Learn more about Jane Gorman and the Adam Kaminski Mystery Series at janegorman.com or follow her on Facebook or Instagram.

Adam-Kaminski-Mystery-Series

A Mystery Writer’s Responsibility

by Janis Patterson

We write mysteries. It is our duty to provide our readers with a good story that has an interesting plot, accurate research, believable characters, and a satisfying ending.

It is also our responsibility to be sure that in our quest for interesting and different content we don’t turn our fictional books into training manuals. Yes, we want ways of death that rise above the common and usually sordid killings that regularly adorn our daily news, but we must walk a fine line between creating an interesting fictional killing and providing an instructional blueprint for a real one.

I think this duty of responsibility is why in so many early mysteries and in a few current ones the murder weapon is a common blunt instrument or some exotic, untraceable poison, though exotic, unknown and untraceable poisons are currently somewhat out of vogue. Current mysteries seem to be grounded much more in reality than the ones from the so-called Golden Age.

To illustrate my point, years ago I attended my first NRA convention. (By the way, if your mysteries involve firearms, I cannot recommend highly enough that you attend one – the knowledge and help there are phenomenal! It will be in Dallas next month and I definitely intend on going! I’ll probably be blogging about it.) I talked to a lot of people, getting all kinds of information and contacts for my reference file (you do have a reference file, don’t you?) when I talked to this one man who was simply entranced that I was a mystery writer. Normally I’ve found that people just love to help writers, but this guy was totally over the top. He had worked both as a firearms salesman and in a ballistics lab, and among a lot of other things gleefully told me the way to have a ballistically clean bullet. No striations. No rifling. No marks on the projectile to tell which or even what kind of gun it came from. No information except the caliber. Nothing that law enforcement could trace.

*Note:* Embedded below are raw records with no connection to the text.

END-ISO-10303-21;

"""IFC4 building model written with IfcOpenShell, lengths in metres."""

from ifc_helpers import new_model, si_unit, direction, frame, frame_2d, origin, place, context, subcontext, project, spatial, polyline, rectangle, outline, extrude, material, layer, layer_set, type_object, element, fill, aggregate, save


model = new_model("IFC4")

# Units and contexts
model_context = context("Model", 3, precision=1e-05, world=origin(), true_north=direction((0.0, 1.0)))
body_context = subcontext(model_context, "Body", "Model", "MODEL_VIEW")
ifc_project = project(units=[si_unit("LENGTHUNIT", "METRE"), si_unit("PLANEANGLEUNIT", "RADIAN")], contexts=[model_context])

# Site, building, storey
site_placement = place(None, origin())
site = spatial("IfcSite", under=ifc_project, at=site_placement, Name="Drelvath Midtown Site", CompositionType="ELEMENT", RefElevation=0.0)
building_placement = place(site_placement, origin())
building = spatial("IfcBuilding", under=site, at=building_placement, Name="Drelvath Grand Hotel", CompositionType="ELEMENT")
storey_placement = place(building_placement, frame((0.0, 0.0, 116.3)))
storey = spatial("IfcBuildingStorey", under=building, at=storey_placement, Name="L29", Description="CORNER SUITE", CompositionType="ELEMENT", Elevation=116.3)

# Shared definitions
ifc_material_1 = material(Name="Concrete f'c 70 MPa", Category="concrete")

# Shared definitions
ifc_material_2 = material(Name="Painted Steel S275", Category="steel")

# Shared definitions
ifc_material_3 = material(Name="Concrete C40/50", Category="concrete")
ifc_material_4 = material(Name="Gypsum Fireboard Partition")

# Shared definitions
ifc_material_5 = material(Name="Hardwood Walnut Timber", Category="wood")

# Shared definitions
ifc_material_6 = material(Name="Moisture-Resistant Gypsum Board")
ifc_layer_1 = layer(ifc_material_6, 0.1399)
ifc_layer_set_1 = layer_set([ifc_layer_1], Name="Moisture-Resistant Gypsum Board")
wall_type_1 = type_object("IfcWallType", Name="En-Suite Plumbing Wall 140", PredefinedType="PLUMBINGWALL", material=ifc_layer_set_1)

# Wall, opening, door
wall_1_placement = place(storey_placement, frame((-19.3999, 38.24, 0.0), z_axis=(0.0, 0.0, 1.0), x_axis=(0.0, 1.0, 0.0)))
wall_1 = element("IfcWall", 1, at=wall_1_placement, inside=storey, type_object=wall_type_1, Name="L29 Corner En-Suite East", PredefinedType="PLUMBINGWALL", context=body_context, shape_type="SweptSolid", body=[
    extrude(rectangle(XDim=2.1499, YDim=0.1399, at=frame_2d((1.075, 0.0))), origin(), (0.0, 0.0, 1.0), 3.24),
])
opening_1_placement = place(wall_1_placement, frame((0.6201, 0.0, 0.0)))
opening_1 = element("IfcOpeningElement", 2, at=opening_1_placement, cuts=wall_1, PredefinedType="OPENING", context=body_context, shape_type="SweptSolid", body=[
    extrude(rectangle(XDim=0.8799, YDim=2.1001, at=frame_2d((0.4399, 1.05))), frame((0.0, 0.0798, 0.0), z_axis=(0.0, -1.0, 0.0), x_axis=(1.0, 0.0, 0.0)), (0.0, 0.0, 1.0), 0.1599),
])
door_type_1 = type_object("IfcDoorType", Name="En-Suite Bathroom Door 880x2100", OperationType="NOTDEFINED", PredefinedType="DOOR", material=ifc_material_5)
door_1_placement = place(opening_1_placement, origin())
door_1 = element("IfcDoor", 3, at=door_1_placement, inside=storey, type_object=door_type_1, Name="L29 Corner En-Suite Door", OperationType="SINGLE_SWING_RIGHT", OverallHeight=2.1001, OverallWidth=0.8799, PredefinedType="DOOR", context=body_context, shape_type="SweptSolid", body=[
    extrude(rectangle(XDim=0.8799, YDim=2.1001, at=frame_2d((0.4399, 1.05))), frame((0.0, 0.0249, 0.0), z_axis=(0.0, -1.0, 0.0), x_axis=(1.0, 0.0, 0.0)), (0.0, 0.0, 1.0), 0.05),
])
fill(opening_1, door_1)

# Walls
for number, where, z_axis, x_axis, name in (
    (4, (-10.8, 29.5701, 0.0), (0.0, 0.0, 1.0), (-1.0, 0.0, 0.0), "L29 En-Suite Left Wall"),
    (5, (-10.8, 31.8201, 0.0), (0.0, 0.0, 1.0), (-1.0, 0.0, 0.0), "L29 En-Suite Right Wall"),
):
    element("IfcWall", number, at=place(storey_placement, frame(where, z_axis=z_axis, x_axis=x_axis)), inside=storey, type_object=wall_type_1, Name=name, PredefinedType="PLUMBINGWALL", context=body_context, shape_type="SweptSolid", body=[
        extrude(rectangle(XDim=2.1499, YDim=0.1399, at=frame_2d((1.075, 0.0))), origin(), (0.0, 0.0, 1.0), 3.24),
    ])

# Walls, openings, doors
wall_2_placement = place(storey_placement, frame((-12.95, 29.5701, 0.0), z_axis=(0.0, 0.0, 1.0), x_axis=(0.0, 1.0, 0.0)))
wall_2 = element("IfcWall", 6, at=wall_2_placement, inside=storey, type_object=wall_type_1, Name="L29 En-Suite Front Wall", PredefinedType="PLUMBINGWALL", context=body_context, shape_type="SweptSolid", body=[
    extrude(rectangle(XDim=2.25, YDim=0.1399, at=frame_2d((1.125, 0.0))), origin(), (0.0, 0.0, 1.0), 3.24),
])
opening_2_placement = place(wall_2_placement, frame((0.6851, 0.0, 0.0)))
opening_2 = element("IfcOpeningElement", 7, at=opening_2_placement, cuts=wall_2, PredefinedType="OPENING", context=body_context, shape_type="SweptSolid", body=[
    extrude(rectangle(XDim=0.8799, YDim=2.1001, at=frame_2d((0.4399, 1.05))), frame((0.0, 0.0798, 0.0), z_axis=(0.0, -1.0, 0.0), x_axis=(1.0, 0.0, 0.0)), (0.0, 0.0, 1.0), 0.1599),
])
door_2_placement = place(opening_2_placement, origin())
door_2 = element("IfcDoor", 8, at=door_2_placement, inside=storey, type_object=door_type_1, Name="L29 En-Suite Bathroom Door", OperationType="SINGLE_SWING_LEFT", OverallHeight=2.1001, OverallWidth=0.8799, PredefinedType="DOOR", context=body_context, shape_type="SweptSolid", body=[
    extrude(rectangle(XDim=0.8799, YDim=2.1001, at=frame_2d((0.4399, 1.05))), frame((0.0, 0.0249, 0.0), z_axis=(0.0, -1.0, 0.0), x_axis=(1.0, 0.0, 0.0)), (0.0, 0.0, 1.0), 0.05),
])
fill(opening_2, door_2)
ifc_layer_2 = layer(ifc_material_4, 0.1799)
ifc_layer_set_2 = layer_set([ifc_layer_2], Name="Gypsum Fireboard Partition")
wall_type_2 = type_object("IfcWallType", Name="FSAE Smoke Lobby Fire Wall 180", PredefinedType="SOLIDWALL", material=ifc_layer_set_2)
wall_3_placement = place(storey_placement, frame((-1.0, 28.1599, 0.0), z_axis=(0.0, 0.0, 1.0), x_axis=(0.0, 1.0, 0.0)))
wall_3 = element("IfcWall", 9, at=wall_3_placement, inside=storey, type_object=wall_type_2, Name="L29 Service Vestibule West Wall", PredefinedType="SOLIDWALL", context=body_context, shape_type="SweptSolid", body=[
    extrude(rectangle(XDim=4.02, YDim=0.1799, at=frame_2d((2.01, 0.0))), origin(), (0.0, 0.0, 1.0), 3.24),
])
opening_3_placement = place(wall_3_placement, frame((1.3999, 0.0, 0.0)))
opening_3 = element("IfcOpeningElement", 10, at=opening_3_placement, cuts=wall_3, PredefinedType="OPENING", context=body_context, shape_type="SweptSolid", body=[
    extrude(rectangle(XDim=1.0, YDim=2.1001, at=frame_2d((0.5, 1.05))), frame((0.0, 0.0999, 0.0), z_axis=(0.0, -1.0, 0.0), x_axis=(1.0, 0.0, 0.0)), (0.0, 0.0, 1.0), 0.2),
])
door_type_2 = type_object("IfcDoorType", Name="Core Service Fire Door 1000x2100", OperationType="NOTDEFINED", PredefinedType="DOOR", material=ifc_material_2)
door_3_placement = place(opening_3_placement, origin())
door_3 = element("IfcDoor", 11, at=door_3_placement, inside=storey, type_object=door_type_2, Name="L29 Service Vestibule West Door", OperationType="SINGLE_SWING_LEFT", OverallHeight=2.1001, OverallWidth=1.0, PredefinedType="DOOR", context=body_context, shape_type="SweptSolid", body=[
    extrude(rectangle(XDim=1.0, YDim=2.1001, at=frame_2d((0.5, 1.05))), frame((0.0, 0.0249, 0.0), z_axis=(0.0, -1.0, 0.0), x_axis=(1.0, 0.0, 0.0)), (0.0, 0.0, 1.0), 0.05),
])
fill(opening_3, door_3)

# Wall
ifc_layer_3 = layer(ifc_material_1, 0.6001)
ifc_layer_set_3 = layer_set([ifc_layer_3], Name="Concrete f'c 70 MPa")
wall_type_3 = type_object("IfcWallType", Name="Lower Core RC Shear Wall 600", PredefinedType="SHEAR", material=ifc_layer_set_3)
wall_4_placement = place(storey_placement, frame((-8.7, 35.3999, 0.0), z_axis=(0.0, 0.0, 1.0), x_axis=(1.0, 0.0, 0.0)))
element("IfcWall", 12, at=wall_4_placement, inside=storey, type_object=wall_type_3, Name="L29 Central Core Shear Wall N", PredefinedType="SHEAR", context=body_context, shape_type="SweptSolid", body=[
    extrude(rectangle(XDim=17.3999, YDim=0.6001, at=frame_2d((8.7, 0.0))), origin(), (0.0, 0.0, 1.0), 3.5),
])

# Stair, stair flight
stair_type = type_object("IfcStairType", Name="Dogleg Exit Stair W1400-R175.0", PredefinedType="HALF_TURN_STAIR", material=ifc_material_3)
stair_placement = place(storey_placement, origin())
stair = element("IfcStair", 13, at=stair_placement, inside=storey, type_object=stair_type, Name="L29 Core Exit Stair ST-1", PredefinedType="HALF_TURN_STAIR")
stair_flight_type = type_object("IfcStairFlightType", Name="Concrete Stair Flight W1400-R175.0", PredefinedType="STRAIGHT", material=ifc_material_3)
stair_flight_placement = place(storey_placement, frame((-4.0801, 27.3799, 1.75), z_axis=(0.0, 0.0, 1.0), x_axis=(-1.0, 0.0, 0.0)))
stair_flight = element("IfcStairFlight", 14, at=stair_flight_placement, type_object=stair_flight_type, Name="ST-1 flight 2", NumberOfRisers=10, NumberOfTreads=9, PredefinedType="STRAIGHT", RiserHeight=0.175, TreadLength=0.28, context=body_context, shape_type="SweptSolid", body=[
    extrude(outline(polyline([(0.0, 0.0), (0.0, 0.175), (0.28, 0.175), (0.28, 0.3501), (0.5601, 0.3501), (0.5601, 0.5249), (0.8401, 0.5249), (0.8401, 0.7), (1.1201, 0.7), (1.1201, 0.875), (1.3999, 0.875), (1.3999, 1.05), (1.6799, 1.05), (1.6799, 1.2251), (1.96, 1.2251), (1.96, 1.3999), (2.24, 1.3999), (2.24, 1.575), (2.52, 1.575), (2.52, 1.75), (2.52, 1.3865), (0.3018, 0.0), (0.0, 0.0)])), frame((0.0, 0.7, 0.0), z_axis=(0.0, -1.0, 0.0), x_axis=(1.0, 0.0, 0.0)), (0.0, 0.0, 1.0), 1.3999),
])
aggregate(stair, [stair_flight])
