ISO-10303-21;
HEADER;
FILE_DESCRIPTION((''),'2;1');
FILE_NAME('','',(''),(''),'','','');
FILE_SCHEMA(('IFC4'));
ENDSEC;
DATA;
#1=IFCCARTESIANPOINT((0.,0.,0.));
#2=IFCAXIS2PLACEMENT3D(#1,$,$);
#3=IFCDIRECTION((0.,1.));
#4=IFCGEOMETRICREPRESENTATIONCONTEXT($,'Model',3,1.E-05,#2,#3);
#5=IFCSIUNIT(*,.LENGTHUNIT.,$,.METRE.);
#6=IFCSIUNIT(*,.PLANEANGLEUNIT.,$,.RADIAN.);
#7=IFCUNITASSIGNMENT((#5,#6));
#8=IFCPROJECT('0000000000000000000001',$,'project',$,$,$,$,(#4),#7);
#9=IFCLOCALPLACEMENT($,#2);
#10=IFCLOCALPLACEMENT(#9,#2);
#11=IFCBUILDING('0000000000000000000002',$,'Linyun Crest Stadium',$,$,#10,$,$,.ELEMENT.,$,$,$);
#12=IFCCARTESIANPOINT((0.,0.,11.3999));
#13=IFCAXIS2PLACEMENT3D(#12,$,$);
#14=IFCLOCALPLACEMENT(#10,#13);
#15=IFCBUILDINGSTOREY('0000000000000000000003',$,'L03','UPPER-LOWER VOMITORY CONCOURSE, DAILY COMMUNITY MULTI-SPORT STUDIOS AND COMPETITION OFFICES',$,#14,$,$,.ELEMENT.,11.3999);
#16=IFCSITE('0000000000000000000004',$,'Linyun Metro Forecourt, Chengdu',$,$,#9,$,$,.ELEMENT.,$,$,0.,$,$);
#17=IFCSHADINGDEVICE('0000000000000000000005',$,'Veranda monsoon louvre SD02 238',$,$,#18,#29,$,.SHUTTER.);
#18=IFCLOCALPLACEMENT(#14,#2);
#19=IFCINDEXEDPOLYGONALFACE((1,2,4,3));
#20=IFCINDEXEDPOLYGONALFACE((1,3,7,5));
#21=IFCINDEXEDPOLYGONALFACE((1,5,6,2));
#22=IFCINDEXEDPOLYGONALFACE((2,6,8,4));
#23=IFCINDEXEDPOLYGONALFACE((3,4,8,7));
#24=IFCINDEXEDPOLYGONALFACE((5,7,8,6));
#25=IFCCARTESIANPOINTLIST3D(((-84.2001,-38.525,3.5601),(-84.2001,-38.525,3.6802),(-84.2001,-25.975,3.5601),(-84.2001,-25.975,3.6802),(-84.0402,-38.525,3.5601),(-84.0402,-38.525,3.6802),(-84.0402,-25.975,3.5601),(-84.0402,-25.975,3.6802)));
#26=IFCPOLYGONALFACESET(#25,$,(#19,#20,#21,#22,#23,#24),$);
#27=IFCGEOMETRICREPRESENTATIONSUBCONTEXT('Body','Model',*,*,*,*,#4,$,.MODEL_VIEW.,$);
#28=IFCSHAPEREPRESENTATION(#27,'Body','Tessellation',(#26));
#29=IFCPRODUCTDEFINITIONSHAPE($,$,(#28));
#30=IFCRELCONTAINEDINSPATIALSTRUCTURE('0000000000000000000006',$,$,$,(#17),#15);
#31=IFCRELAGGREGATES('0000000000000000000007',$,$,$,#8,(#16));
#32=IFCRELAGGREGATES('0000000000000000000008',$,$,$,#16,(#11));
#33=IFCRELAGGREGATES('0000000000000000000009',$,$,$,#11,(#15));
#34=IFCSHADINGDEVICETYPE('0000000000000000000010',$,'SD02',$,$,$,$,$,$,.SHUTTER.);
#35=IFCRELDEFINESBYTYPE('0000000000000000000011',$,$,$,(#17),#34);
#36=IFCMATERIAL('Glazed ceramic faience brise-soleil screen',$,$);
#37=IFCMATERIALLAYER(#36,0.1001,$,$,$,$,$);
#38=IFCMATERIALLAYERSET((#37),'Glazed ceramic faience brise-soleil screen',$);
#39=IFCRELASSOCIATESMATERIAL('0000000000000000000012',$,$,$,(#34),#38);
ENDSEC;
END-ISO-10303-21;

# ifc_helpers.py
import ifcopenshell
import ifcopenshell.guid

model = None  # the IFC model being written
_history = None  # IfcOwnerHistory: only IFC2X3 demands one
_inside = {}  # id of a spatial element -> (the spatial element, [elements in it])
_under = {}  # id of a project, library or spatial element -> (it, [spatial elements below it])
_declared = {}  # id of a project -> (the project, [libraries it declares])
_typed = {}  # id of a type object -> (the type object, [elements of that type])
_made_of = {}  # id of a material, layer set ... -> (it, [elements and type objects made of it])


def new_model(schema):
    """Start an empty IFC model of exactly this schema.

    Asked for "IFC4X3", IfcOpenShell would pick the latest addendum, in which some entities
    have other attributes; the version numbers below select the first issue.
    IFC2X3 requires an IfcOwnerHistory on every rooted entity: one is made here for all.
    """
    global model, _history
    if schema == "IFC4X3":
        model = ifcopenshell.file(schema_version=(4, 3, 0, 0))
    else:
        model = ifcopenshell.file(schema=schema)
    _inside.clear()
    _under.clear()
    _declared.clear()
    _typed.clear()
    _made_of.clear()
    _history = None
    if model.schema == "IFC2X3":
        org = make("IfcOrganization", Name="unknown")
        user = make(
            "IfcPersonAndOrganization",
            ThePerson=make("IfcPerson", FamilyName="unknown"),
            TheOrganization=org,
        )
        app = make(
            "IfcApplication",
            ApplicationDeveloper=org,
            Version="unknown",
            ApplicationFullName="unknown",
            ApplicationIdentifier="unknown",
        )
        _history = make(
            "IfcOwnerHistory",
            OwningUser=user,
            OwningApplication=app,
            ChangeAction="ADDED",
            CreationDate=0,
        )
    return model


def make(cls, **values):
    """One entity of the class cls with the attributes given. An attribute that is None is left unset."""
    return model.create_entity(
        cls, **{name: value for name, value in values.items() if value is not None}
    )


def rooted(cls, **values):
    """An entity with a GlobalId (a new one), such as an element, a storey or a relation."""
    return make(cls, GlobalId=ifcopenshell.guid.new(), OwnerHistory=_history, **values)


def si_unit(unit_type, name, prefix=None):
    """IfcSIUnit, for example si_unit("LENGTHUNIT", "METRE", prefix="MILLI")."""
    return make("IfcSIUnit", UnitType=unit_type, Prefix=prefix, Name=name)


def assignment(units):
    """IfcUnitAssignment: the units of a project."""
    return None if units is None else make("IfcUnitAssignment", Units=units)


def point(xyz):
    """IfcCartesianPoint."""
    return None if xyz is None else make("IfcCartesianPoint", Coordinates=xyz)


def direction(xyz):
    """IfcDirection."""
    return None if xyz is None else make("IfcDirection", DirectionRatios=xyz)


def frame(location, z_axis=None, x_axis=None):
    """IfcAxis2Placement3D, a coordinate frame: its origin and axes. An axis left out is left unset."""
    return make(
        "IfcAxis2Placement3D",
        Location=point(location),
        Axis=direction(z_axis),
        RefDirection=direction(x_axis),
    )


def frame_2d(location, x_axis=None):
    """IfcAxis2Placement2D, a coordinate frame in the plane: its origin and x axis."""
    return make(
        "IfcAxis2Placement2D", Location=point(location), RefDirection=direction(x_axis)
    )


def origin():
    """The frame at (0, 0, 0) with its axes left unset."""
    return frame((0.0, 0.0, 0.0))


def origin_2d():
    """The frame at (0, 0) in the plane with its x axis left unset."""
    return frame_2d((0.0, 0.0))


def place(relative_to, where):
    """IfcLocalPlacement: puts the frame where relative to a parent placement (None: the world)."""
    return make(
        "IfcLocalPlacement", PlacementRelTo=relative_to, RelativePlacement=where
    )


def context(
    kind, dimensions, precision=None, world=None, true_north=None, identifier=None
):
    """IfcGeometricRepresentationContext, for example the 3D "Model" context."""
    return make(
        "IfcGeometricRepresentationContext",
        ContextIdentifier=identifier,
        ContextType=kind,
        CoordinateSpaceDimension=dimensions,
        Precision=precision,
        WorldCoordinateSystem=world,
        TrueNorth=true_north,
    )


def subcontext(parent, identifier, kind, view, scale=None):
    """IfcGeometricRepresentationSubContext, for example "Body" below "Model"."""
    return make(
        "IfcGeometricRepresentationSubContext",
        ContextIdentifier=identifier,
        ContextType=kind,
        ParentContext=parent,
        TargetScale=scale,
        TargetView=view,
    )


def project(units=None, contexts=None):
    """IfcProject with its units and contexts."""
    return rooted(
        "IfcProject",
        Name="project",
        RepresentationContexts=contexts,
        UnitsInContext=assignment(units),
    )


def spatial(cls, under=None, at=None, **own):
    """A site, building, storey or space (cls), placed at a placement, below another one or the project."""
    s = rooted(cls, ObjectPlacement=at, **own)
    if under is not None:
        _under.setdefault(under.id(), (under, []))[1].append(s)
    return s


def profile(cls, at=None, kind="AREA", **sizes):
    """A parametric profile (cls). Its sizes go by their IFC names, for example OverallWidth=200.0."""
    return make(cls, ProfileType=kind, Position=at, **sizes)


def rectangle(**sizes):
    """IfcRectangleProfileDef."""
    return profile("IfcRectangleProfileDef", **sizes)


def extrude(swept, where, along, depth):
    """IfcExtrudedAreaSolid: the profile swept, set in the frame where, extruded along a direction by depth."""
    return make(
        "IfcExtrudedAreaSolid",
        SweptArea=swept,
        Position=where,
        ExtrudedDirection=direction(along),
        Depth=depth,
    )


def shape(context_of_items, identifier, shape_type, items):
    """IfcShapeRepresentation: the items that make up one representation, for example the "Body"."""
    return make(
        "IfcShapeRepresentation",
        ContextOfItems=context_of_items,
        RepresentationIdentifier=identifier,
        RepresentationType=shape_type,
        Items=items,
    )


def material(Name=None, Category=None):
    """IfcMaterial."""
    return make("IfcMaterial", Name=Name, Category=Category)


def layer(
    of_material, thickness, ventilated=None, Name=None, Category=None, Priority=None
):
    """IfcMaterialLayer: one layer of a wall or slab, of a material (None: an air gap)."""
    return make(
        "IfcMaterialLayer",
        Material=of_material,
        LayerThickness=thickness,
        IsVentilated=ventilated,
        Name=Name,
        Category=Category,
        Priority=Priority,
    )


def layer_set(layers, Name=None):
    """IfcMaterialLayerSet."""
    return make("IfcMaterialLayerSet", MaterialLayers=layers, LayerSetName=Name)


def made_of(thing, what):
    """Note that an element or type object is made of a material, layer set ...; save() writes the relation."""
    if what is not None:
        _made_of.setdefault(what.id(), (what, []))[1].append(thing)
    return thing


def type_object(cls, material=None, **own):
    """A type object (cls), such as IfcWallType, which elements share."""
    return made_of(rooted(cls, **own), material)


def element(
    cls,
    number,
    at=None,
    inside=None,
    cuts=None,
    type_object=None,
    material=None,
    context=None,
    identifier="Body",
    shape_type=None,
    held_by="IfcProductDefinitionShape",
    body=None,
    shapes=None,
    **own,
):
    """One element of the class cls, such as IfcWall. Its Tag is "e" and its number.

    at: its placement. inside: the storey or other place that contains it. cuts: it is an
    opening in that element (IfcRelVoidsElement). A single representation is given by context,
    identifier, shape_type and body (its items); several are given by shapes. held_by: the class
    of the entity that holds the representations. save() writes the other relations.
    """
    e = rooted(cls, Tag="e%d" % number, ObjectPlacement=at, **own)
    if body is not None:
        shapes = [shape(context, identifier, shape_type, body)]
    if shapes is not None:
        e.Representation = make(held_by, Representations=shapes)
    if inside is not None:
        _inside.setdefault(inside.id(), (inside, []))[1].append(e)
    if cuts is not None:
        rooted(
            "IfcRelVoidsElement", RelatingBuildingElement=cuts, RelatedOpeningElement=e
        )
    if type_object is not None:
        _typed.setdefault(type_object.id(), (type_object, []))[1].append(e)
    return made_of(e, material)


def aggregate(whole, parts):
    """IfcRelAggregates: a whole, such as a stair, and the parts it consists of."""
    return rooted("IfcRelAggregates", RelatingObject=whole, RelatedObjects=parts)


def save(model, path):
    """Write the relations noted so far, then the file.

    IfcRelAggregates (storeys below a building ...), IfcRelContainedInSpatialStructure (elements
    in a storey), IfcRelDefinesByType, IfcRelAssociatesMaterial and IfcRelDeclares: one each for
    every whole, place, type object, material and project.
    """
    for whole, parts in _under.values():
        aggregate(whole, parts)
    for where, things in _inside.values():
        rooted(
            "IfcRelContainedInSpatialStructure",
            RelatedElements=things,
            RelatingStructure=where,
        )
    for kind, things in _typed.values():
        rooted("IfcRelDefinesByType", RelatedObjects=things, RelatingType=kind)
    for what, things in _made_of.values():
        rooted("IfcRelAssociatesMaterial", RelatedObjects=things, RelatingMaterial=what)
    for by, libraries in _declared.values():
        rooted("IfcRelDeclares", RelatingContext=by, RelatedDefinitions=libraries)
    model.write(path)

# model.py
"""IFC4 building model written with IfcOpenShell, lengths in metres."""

from ifc_helpers import new_model, si_unit, direction, frame, origin, origin_2d, place, context, subcontext, project, spatial, rectangle, extrude, material, layer, layer_set, type_object, element, save


model = new_model("IFC4")

# Units and contexts
model_context = context("Model", 3, precision=1e-05, world=origin(), true_north=direction((0.0, 1.0)))
body_context = subcontext(model_context, "Body", "Model", "MODEL_VIEW")
ifc_project = project(units=[si_unit("LENGTHUNIT", "METRE"), si_unit("PLANEANGLEUNIT", "RADIAN")], contexts=[model_context])

# Site, building, storey
site_placement = place(None, origin())
site = spatial("IfcSite", under=ifc_project, at=site_placement, Name="Linyun Metro Forecourt, Chengdu", CompositionType="ELEMENT", RefElevation=0.0)
building_placement = place(site_placement, origin())
building = spatial("IfcBuilding", under=site, at=building_placement, Name="Linyun Crest Stadium", CompositionType="ELEMENT")
storey_placement = place(building_placement, frame((0.0, 0.0, 11.3999)))
storey = spatial("IfcBuildingStorey", under=building, at=storey_placement, Name="L03", Description="UPPER-LOWER VOMITORY CONCOURSE, DAILY COMMUNITY MULTI-SPORT STUDIOS AND COMPETITION OFFICES", CompositionType="ELEMENT", Elevation=11.3999)

# Shading device
ifc_material_1 = material(Name="Glazed ceramic faience brise-soleil screen")
ifc_layer_1 = layer(ifc_material_1, 0.1001)
ifc_layer_set_1 = layer_set([ifc_layer_1], Name="Glazed ceramic faience brise-soleil screen")
shading_device_type = type_object("IfcShadingDeviceType", Name="SD02", PredefinedType="SHUTTER", material=ifc_layer_set_1)
shading_device_placement = place(storey_placement, frame((-84.1201, -32.25, 3.5601), z_axis=(0.0, 0.0, 1.0), x_axis=(1.0, 0.0, 0.0)))
element("IfcShadingDevice", 1, at=shading_device_placement, inside=storey, type_object=shading_device_type, Name="Veranda monsoon louvre SD02 238", PredefinedType="SHUTTER", context=body_context, shape_type="SweptSolid", body=[
    extrude(rectangle(XDim=0.1599, YDim=12.55, at=origin_2d()), origin(), (0.0, 0.0, 1.0), 0.1201),
])

save(model, "model.ifc")
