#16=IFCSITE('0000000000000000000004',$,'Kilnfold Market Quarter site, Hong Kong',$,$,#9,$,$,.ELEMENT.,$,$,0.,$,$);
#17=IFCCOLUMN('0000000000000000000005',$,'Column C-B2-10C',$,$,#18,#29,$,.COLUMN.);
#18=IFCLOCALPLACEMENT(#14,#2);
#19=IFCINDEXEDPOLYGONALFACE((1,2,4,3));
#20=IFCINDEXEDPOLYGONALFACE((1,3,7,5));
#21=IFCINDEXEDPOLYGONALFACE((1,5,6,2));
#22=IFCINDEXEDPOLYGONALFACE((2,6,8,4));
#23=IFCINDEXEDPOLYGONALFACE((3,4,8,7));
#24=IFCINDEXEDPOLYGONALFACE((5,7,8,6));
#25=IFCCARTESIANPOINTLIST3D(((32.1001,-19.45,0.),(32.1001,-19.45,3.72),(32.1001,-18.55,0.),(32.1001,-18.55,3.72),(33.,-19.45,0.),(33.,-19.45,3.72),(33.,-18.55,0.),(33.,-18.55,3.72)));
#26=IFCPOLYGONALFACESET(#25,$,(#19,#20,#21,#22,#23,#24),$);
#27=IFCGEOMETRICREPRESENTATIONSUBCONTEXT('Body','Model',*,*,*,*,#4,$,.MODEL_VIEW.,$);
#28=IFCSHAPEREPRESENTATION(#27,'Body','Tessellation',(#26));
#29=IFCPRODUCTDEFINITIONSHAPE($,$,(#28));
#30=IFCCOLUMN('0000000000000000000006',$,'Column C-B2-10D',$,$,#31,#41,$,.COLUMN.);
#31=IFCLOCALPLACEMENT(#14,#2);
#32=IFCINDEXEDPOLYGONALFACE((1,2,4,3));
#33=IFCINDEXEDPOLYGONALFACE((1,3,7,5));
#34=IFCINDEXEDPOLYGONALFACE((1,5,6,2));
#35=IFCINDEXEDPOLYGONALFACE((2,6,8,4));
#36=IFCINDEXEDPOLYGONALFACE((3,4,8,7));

I listened intently, partially fascinated and partially revolted. It was a simple process and could be done by anyone with the IQ of a goldfish. Then he asked if I’d use it in one of my books – obviously hoping that I’d put him in there too. Horrified, I said most certainly not, begged him not to tell this process to anyone else and then explained why. He was suddenly as horrified as I – apparently he had never thought that what he regarded as an interesting curiosity could actually be used to commit a real-life untraceable killing.

And no, don’t ask me what the secret is. I destroyed that part of my notes and have deliberately forgotten how. There is some knowledge that should never be shared.

So while killing people made of pixels can be both fun and profitable, we as writers owe our readers and the world in general a sense of restraint and responsibility. I truly believe that none of us would actually use some of the stuff we know to do harm to others, but we must never forget that our stories are read by all kinds of people, some of whom might wish to do harm or even read us in search of ways to do harm. Never forget that we want to entertain, not instruct. I don’t think any of us want to be an accomplice.